# Substuting Butter, Shortening, Margaine etc.



## Sicilian (Apr 12, 2006)

Well, for Easter, i'm going to have some family over, and one of the girl's is a very healthy eater. So i'll make her a seperate dessert dish, now I just bought some ground flax seed meal, and it says you can substitute butter etc, for flaxseed in cooking, for a ratio of 3-1. 1/2 butter = 1 1/2 flaxseed. 

Have any of you tried this? I dont want to waste it, if it won't turn out good, i'll still add the sugar etc, just not the butter for her. Your thoughts?


----------



## bethzaring (Apr 12, 2006)

What type of dessert product are you thinking about making with flax seed meal?  Baked goods are supposed to be a bit tricky.   I have cooked with the meal, but not so much with baked goods.  I was more prone to add it to granola.  

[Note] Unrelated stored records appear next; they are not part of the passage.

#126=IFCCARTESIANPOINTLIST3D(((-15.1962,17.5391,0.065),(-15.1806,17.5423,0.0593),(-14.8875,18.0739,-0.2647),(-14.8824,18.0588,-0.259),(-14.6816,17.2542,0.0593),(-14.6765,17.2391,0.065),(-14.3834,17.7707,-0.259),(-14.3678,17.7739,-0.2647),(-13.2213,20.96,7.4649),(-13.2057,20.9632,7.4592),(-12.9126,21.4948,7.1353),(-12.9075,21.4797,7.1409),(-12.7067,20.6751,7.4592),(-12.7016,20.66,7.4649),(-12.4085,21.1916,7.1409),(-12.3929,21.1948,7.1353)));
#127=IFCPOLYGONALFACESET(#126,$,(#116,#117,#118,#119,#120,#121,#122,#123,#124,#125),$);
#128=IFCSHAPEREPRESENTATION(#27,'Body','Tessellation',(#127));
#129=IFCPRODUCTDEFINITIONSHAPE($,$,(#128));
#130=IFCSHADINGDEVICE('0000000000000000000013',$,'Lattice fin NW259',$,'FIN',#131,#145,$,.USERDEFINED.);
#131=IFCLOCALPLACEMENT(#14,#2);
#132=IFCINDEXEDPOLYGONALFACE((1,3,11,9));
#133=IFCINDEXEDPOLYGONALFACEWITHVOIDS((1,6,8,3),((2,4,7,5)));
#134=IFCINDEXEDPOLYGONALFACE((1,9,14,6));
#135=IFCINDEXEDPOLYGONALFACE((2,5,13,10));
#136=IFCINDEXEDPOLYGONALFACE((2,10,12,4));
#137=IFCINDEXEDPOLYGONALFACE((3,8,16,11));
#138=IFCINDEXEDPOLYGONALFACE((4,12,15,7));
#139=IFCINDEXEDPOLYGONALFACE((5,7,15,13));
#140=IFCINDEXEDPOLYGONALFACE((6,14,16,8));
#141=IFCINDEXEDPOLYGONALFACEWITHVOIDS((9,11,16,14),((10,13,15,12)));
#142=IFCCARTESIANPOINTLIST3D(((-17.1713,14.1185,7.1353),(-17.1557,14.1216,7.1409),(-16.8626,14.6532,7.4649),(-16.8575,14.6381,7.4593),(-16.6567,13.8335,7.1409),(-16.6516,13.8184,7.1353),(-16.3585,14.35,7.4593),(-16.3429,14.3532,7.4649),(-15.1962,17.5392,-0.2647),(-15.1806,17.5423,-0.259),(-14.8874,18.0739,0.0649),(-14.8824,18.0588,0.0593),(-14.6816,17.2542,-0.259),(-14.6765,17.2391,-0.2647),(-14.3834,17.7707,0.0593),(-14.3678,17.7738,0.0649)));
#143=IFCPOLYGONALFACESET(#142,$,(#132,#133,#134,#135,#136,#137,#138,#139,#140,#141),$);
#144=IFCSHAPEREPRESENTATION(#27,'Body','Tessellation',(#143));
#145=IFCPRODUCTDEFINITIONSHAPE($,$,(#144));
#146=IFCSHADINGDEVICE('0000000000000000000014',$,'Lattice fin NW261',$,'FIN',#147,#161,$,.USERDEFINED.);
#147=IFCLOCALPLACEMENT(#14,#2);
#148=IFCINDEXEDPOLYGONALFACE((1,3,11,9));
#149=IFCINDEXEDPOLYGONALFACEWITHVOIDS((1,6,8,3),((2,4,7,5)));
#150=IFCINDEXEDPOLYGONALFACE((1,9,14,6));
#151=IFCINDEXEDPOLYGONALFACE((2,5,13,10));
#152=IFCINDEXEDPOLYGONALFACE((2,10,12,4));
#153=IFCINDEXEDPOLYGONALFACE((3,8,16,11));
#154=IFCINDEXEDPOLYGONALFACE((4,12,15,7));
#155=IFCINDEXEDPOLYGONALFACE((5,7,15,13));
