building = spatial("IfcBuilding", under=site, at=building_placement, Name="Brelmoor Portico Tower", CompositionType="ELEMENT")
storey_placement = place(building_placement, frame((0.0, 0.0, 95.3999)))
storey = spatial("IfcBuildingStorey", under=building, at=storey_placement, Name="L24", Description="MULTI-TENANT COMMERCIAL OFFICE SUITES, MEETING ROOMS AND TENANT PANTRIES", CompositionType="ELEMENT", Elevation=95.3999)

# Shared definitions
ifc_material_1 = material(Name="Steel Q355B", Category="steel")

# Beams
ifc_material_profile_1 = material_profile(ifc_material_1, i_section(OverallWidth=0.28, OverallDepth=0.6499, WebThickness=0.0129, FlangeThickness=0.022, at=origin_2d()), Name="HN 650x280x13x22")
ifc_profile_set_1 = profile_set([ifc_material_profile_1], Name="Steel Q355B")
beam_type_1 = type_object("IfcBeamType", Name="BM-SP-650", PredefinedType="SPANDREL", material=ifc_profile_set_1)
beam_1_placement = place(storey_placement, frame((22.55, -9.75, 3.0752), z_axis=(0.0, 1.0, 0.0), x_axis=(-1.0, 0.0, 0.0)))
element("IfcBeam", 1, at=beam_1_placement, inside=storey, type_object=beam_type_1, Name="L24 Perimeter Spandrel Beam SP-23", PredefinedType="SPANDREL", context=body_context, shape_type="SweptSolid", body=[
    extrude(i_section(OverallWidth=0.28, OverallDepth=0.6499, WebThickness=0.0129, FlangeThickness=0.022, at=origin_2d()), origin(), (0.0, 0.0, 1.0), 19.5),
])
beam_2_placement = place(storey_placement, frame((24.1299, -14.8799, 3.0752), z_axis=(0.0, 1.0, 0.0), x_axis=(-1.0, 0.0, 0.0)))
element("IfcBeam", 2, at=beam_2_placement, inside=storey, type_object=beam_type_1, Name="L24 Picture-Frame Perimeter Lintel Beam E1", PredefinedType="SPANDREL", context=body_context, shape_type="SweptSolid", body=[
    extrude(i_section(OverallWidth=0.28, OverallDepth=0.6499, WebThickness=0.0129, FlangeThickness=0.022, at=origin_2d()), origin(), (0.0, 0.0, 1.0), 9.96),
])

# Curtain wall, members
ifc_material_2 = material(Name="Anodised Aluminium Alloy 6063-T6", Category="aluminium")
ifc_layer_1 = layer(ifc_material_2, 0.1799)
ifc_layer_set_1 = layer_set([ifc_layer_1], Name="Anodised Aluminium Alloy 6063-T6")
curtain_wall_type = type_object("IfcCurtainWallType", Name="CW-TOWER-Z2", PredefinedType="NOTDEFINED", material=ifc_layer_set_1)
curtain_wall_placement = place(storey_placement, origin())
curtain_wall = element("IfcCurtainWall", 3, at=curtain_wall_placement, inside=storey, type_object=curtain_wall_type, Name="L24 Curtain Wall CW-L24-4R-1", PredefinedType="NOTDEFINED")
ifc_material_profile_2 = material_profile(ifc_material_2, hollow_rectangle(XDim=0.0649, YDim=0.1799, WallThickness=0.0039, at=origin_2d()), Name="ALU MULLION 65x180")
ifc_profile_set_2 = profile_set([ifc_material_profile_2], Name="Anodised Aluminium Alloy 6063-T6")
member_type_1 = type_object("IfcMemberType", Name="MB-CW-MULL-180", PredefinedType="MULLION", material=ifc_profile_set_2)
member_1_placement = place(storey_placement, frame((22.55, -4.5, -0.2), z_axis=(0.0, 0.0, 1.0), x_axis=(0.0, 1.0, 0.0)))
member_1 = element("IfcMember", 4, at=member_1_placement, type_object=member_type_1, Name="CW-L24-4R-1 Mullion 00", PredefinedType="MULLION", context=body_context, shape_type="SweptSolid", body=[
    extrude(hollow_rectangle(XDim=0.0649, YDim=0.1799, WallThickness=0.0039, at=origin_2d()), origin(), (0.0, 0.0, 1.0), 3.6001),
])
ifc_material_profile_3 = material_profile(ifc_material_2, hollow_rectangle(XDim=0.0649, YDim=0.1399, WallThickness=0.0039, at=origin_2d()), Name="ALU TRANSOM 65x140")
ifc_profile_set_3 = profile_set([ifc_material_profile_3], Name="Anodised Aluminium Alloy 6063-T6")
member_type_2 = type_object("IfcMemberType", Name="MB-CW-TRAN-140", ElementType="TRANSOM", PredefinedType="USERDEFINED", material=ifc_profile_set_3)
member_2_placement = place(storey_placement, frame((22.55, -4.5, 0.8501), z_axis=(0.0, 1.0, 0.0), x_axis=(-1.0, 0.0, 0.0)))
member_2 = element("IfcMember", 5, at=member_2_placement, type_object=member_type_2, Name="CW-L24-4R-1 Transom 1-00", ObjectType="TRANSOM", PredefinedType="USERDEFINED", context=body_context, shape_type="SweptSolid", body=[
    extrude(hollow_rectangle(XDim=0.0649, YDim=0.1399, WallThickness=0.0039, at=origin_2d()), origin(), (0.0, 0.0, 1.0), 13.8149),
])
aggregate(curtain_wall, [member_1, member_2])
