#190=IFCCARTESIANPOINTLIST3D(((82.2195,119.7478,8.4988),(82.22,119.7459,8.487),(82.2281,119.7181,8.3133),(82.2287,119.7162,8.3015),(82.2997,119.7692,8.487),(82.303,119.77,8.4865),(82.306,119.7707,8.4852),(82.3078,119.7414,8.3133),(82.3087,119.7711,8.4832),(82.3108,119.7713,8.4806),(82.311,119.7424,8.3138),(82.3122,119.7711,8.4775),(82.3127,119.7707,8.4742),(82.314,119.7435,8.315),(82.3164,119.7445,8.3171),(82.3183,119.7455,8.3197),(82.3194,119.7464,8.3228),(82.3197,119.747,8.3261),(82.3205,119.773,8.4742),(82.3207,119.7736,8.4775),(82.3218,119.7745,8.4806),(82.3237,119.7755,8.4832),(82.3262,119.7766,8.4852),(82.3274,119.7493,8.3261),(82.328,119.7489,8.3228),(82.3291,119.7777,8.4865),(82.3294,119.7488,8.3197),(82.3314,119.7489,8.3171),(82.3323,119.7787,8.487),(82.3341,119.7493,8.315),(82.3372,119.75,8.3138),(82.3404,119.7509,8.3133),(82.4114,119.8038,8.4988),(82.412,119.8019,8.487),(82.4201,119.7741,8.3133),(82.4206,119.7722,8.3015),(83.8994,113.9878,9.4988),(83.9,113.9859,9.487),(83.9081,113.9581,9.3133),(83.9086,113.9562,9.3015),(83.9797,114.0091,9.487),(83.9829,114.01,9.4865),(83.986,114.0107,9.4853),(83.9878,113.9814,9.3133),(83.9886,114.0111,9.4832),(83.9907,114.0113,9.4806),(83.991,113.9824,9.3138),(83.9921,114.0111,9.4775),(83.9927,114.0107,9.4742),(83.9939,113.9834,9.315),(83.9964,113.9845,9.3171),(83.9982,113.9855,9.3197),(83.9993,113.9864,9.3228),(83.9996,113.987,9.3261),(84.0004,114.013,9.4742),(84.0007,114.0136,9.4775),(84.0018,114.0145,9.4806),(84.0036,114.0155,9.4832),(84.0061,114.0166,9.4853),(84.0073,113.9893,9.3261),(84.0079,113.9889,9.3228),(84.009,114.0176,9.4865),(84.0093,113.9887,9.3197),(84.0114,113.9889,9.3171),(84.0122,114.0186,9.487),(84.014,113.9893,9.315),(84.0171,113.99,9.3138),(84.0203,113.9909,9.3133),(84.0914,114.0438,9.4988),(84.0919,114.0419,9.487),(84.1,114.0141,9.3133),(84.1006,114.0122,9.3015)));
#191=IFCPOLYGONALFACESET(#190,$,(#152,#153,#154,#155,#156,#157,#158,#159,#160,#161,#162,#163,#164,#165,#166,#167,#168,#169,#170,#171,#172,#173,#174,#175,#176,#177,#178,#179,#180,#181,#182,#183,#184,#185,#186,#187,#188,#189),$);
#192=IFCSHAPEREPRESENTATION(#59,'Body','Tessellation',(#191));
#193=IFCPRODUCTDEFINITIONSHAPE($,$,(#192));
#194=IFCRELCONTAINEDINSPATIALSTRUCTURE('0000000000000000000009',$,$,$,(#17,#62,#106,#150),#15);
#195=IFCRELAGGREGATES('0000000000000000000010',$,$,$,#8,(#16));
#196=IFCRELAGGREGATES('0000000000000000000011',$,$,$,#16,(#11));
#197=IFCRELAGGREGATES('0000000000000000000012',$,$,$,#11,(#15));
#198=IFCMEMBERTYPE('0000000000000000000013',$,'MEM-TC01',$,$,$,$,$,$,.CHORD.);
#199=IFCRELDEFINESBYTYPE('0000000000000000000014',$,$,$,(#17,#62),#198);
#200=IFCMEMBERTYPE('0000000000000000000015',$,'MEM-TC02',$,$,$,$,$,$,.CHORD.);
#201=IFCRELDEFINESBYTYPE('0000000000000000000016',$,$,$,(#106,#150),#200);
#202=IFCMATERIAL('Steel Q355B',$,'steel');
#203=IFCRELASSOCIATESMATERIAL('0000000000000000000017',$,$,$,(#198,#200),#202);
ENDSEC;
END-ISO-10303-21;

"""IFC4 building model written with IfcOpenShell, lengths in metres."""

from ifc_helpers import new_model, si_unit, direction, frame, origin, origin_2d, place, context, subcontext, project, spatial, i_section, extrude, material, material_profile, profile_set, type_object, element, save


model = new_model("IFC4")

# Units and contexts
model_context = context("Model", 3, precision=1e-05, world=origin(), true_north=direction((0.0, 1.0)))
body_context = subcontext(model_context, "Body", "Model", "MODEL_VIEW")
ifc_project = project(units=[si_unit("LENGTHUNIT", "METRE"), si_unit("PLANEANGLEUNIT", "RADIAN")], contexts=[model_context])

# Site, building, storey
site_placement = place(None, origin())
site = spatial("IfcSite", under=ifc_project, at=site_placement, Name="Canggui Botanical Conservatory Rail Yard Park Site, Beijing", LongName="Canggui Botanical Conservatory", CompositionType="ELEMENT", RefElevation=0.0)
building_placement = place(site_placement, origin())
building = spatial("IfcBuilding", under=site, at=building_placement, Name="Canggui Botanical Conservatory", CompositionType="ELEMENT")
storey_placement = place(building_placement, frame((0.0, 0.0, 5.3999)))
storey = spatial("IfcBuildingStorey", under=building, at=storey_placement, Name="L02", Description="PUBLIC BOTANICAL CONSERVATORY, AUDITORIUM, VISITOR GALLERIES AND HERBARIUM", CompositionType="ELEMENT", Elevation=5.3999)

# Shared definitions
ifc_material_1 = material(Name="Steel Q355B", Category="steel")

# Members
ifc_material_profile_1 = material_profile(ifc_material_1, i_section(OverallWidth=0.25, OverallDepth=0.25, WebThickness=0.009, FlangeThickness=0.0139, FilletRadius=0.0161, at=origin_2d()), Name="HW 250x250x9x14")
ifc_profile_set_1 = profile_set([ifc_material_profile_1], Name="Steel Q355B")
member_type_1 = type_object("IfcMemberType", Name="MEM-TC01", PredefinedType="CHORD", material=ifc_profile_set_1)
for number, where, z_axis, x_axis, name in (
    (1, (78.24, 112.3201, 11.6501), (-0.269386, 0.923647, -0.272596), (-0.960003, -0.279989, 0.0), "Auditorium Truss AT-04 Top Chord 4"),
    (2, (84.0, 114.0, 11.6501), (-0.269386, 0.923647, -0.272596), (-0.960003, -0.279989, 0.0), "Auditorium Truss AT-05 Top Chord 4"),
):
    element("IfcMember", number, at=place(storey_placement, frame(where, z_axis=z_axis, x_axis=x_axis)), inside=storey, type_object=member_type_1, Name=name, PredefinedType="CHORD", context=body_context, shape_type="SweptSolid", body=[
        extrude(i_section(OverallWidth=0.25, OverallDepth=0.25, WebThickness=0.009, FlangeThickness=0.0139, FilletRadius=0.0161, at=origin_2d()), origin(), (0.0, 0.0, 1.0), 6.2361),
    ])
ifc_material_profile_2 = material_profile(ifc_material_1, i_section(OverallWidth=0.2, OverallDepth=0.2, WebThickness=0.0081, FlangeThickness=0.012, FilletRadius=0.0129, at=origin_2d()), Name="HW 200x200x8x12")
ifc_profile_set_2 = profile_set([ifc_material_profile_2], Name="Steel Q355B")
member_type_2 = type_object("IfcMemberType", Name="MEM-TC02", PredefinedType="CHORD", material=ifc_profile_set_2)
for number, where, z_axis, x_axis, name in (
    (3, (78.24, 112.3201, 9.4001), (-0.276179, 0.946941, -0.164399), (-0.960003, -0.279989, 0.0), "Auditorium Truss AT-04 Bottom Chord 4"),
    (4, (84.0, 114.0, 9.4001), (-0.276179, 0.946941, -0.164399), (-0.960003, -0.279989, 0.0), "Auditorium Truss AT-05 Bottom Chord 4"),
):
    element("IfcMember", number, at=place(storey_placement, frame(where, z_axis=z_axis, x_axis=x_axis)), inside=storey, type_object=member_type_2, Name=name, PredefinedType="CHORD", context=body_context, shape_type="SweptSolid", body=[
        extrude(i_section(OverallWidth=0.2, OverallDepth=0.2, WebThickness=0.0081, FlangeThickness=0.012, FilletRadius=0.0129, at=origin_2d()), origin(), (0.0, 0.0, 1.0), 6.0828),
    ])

How much butter is in the dessert?  Actually, I am more familiar with substituting apple sauce for butter in some desserts.  I think it is a bit risky trying to bake with flax seed if you are not familiar with its cooking properties.


----------



## Chef Wil (Apr 12, 2006)

I agree with you Bethzaring, I use applesauce or banana to sub for butter in baked goods. I also use cream cheese if the fat isn't a large issue. It gives a very creamy taste and texture to most foods and is less fat than any of the mentioned fats.


----------